Сон в красном тереме. Том 1
Шрифт:
Все засмеялись. А матушка Цзя, обращаясь к Фын-цзе, сказала:
– Не беспокойся, завтра я заставлю твоего мужа просить у тебя прощения! Сейчас разговаривать с ним не стоит!
Затем она обрушилась с бранью по адресу Пин-эр:
– Какая же паршивка эта Пин-эр! Я всегда считала ее хорошей, а она у меня за спиной вон какими делами занимается!
– Пин-эр ни в чем не виновата! – вступилась за нее госпожа Ю. – Просто Фын-цзе решила сорвать на ней свой гнев! Супруги ссорятся, а гнев срывают на Пин-эр.

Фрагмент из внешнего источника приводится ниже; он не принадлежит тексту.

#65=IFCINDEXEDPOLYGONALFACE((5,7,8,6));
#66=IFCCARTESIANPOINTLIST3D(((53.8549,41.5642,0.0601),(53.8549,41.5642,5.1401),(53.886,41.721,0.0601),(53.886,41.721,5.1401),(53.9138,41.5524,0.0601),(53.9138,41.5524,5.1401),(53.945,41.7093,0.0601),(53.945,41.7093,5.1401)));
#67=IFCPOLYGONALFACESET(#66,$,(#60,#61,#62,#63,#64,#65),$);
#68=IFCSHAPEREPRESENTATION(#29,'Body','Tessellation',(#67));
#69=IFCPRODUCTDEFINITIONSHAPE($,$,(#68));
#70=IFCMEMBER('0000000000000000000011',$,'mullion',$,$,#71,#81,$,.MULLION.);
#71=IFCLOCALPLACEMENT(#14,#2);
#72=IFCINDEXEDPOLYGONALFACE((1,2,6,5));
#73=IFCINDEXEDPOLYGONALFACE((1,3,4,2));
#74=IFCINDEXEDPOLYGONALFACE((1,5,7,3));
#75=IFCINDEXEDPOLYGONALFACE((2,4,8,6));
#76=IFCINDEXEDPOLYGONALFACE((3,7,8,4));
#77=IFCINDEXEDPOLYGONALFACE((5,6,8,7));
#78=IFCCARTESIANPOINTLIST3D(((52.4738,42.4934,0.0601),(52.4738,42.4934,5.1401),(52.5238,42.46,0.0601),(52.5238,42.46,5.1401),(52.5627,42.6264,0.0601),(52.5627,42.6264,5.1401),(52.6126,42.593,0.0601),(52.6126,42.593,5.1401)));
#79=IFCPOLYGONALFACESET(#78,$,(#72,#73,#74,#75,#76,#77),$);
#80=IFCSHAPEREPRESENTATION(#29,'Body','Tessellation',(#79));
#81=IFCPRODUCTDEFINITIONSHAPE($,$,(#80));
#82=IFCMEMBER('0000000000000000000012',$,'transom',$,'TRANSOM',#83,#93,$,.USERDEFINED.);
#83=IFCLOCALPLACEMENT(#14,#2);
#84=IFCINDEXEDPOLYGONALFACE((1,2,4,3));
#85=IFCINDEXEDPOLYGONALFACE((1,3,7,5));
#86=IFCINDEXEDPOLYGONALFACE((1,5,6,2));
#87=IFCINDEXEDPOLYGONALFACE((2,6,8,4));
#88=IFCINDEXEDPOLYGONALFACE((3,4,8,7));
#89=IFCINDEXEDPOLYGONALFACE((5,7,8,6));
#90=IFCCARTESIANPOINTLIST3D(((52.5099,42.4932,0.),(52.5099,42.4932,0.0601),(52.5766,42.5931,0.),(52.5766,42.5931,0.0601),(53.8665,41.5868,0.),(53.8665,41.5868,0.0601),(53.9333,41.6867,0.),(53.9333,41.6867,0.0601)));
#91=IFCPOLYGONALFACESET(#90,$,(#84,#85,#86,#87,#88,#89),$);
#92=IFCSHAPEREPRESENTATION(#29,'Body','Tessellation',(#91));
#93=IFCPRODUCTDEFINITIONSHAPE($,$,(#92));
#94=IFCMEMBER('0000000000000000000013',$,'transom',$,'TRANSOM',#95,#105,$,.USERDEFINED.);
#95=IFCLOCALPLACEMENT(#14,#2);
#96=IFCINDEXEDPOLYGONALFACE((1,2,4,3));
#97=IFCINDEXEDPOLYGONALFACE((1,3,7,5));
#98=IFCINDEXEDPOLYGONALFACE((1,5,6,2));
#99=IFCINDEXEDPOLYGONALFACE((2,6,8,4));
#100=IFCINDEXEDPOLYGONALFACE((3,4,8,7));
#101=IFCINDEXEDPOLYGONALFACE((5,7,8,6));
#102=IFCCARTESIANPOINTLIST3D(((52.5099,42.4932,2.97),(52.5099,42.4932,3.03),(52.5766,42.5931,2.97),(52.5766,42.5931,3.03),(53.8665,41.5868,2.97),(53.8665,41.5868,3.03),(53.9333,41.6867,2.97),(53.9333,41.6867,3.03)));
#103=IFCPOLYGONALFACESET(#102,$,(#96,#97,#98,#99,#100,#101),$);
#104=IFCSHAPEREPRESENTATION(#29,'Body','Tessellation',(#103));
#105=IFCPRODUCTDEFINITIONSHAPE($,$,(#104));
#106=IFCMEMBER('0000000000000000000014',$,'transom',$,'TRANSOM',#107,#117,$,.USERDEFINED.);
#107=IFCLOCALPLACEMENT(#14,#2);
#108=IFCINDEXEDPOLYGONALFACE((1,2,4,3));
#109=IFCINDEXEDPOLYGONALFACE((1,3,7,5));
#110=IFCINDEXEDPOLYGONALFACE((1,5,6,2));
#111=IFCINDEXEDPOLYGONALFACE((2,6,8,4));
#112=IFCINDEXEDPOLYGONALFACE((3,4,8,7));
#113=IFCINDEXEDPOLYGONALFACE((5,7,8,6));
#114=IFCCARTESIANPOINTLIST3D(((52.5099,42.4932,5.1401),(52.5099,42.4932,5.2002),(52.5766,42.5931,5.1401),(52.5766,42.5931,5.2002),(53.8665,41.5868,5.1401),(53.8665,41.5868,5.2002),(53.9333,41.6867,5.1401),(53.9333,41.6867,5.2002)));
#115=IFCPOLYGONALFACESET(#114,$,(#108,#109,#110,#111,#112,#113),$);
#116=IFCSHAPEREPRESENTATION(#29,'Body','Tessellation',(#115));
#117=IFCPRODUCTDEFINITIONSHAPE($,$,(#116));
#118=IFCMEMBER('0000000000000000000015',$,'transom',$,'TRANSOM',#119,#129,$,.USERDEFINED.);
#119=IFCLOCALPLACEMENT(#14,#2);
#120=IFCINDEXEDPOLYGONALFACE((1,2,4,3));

Она, конечно, этим обижена! Вы зря ругаете ее, почтенная госпожа!
– В самом деле так, – согласилась матушка Цзя. – Эта девочка не похожа на потаскушку! Очень жаль, что Фын-цзе понапрасну рассердилась на нее!
Обратившись
– Пойди и скажи Пин-эр, что я недовольна, что ее обидели, и завтра же велю ее хозяину и хозяйке просить у нее прощения. Сегодня у Фын-цзе торжественный день, поэтому ссору затевать нельзя.

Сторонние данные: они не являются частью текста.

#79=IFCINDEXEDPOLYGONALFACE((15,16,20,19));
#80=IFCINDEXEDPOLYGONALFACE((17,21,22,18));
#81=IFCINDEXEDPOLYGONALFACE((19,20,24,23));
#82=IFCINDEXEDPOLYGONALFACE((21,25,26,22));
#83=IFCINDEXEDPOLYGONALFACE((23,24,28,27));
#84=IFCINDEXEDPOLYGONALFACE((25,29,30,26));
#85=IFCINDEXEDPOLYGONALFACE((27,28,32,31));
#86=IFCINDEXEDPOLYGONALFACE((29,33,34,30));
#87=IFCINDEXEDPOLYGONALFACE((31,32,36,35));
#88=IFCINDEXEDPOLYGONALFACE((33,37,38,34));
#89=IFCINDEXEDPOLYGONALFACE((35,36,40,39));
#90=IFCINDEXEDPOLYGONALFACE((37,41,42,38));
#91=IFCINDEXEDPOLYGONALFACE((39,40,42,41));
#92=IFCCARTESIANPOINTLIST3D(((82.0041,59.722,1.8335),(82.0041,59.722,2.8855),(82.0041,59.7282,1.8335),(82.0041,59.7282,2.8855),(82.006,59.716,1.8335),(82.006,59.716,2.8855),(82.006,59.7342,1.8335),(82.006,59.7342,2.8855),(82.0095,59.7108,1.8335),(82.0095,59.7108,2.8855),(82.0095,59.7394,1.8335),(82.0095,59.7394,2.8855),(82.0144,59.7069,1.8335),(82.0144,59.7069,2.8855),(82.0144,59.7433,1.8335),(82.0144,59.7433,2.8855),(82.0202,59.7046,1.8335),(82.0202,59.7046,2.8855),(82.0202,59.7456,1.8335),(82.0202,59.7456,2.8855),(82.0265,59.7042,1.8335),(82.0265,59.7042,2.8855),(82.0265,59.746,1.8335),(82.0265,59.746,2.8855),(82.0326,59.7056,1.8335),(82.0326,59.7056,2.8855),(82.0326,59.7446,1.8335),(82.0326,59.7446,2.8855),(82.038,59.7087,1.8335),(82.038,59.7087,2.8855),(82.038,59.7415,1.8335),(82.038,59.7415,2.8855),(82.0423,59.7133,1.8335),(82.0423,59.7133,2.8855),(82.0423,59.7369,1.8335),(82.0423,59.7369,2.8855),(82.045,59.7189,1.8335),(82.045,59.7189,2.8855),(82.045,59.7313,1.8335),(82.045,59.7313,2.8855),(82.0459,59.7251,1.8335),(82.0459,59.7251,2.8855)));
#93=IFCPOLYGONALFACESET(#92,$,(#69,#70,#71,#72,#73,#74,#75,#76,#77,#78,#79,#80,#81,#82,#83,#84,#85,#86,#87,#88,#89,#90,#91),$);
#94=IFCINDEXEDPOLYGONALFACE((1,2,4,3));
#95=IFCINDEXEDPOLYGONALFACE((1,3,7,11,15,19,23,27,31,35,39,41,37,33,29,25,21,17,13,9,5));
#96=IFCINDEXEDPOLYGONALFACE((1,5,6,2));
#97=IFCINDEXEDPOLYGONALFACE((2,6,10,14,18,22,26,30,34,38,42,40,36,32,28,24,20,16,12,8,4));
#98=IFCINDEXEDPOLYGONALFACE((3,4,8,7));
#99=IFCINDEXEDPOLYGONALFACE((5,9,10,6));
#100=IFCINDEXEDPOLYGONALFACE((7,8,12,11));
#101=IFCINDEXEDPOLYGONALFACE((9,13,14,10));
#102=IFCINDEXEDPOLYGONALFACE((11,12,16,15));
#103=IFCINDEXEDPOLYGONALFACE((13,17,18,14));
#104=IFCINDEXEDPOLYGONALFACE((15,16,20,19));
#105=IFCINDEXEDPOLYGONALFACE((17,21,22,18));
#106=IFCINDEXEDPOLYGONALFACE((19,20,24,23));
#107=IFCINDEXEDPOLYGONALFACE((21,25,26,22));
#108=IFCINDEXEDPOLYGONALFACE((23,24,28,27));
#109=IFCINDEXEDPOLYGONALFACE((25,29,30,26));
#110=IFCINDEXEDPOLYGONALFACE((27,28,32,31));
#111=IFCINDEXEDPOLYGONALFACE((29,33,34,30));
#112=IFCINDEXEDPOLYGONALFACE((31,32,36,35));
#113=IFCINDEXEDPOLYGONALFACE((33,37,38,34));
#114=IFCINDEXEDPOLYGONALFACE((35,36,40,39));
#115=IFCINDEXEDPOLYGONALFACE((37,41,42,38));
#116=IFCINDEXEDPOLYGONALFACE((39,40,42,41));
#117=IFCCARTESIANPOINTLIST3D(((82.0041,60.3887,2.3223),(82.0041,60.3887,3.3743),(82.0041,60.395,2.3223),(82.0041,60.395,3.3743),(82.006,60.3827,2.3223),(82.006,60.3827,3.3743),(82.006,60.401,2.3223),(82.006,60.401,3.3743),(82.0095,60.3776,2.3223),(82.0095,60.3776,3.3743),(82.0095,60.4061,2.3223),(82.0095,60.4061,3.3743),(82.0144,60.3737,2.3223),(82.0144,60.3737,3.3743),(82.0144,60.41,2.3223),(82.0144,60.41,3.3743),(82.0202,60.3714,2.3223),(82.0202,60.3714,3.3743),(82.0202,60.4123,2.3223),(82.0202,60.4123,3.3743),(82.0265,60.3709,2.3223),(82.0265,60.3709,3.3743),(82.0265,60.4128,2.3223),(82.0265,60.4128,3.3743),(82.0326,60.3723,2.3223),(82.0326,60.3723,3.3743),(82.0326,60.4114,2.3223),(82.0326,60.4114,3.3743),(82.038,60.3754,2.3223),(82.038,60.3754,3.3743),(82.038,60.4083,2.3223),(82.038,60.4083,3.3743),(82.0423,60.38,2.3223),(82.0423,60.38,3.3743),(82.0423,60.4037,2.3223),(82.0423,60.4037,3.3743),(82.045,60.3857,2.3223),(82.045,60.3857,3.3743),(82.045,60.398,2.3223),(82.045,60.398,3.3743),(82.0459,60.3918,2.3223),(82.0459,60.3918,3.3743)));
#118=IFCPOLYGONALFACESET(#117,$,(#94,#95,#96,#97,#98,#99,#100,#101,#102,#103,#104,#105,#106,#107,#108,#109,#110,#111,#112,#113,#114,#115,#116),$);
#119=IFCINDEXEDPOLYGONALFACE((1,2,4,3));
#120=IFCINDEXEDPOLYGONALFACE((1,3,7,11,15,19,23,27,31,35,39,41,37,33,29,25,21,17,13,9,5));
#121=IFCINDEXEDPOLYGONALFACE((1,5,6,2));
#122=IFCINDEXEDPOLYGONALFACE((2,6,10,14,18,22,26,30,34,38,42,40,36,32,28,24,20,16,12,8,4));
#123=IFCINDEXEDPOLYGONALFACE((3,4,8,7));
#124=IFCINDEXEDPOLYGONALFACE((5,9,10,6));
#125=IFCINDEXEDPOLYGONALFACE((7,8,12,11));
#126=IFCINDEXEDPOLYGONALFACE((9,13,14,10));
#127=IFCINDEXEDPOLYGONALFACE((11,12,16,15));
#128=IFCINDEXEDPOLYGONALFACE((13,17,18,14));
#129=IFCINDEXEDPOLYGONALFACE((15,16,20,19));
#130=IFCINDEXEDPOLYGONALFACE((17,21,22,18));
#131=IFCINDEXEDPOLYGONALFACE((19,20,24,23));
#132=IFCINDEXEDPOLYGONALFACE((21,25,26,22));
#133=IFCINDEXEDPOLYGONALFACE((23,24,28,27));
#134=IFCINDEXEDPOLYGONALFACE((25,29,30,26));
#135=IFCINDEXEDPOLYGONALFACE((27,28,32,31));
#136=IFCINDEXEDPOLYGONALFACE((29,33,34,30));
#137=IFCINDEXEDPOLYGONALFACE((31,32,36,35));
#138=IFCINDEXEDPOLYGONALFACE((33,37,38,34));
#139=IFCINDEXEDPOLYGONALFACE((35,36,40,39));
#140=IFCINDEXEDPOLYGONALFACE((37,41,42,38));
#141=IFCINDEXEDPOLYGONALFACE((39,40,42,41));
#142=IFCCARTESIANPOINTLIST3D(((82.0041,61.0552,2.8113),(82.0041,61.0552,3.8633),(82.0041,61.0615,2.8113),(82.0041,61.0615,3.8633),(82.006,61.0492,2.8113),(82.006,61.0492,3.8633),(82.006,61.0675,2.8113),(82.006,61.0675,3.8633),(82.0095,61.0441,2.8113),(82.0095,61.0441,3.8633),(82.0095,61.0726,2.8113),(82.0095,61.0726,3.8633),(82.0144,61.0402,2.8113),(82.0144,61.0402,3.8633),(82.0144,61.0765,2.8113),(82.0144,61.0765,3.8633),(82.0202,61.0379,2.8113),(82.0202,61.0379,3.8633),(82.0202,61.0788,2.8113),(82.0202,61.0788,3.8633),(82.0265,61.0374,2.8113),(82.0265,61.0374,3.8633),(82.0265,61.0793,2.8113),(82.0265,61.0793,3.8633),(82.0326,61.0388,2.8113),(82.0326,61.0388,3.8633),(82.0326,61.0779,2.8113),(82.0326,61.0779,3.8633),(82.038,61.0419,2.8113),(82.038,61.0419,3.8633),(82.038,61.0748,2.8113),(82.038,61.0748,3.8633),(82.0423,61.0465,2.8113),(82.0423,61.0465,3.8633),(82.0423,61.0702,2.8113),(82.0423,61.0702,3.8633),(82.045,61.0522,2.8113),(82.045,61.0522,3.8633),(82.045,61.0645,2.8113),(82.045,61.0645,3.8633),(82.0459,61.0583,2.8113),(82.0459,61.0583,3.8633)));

В это время Ли Вань увела Пин-эр в «сад Роскошных зрелищ». Пин-эр рыдала и не могла произнести ни слова.
– Ведь ты же умная девушка, – говорила ей Бао-чай. – Неужели ты не помнишь, как с тобой всегда обращалась твоя госпожа? Но сегодня она выпила лишнее, и если она захотела сорвать свой гнев, то на ком же она могла это сделать, как не на тебе? Если б она поступила иначе, над нею стали бы смеяться, что она лицемерка!
В это время подошла Ху-по и передала приказание матушки Цзя. От радости лицо Пин-эр прояснилось.
В это время Бао-чай, которая немного отдохнула, решила прогуляться и повидать матушку Цзя и Фын-цзе. Бао-юй пригласил Пин-эр зайти во «двор Наслаждения розами».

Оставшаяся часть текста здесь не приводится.